Austin seems to be doing a bit better but I think he misses his
brother, especially for snuggling as the weather grows cooler.
He goes over a lot to the spot where Gene "camped" in
the days before his death. It breaks my heart now when I see Austin
take his little plush dinosaur toy and wrap all around it before
he goes to sleep.
Personally, a month after his death, I think I miss Eugene MORE
I debated on whether or not to add the following after I found
a scrap of paper with a few notes scribbled on it the day after
Eugene died. But I will.
After Eugene died, we held him and cried and were disbelieving.

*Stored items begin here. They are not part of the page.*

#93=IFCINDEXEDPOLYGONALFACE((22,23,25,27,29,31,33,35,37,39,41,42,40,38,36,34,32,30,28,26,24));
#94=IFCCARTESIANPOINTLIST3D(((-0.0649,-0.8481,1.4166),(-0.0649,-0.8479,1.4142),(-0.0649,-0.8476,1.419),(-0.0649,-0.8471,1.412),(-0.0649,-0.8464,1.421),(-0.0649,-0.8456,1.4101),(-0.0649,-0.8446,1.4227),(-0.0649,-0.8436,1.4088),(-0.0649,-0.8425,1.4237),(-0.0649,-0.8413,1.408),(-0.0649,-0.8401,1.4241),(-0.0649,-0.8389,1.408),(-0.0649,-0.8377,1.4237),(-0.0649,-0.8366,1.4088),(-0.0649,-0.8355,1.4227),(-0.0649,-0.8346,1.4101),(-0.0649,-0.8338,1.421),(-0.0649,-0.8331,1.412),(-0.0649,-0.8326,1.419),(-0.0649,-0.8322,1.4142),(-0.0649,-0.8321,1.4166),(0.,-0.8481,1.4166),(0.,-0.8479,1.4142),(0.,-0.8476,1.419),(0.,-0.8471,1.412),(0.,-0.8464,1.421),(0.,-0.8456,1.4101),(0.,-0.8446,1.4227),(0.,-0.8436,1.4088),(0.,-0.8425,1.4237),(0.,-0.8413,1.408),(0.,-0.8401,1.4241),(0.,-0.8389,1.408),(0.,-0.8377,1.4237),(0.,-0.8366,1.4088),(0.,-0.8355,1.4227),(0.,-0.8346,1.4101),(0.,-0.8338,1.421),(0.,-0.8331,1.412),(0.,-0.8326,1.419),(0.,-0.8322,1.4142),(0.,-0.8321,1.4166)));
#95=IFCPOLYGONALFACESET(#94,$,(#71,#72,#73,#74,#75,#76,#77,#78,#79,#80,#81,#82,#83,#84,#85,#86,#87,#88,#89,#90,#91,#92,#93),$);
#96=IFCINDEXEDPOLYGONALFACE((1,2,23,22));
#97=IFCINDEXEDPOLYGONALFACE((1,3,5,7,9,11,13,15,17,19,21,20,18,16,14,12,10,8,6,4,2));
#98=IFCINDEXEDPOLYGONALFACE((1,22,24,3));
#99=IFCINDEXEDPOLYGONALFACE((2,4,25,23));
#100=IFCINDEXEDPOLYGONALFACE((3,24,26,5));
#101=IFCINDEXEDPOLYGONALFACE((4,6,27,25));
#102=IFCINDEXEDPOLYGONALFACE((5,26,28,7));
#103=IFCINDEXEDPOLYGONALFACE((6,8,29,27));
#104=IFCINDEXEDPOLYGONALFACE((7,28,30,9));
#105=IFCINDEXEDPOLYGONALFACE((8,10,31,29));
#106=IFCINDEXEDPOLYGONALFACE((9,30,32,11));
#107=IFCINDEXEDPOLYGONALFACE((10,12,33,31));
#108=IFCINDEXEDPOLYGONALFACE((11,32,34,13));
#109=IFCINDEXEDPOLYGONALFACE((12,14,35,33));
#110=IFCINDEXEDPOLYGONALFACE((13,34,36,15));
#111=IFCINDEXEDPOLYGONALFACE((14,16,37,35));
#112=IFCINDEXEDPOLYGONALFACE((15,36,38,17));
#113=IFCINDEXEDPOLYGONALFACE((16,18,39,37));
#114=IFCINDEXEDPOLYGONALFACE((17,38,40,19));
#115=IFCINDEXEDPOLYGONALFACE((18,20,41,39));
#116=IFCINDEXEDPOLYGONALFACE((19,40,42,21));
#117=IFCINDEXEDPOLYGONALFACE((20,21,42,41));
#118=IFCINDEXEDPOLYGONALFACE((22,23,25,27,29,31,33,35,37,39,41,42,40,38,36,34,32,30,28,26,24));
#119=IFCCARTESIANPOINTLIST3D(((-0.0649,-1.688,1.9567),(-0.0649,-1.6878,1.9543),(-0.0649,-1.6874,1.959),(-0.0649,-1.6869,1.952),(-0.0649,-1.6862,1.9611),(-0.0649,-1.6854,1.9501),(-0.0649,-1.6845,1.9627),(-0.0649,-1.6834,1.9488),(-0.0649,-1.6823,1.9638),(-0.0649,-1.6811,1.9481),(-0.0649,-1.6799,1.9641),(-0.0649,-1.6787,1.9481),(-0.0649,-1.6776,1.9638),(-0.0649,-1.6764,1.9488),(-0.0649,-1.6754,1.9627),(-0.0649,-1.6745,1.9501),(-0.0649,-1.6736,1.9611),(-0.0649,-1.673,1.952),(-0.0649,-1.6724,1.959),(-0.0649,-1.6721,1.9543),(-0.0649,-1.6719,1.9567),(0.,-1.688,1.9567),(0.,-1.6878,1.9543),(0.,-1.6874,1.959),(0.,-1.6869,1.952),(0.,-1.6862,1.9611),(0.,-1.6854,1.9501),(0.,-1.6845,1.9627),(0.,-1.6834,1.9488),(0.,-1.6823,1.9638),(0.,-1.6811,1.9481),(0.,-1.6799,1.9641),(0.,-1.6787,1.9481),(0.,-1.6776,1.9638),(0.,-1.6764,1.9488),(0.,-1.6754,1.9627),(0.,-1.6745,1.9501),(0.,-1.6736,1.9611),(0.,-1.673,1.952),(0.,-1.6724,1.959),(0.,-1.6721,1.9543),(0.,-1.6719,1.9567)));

He was truly a little angel. As usual, even worse then usual,
he was a very dirty and ragged angel. I brushed him and Paul helped
me wash him. Poor little thing, he had so much dried diarrhea
on his back legs, and mats in his fur. We made him look beautiful
again, this time forever. Paul took the top off Gene's pet carrier
and lined it with a dark green towel, then gently laid Gene down
and covered him up to his chin.
We put the carrier on the floor in front of the sofa and sat
there stunned. We decided to open a good bottle of wine and have
a toast to our sweet comic and curious cat. While we toasted a
life well lived, Austin walked over, touched his nose to Eugene,
then sat down by Eugene's head, as if to guard him.
Though it may seem morbid, we didn't want to let go of Eugene.
That night, we moved his carrier up to the bedroom and sat it
next to the bed. It seemed wrong to go to sleep without Gene in
the bed with us.
Taking Eugene to the vet the morning after his death was incredibly
difficult. I cried a lot and could not believe that I would never
see my furry little bunny again. Paul was numb with grief.
Then I had to go to work. And when I came home in the early hours
of the morning, the house slept quietly. And for the first time,
there was no little Gener to greet me at the top of the basement
stairs. Eugene will never be there again.
What a difference a sweet little animal can make.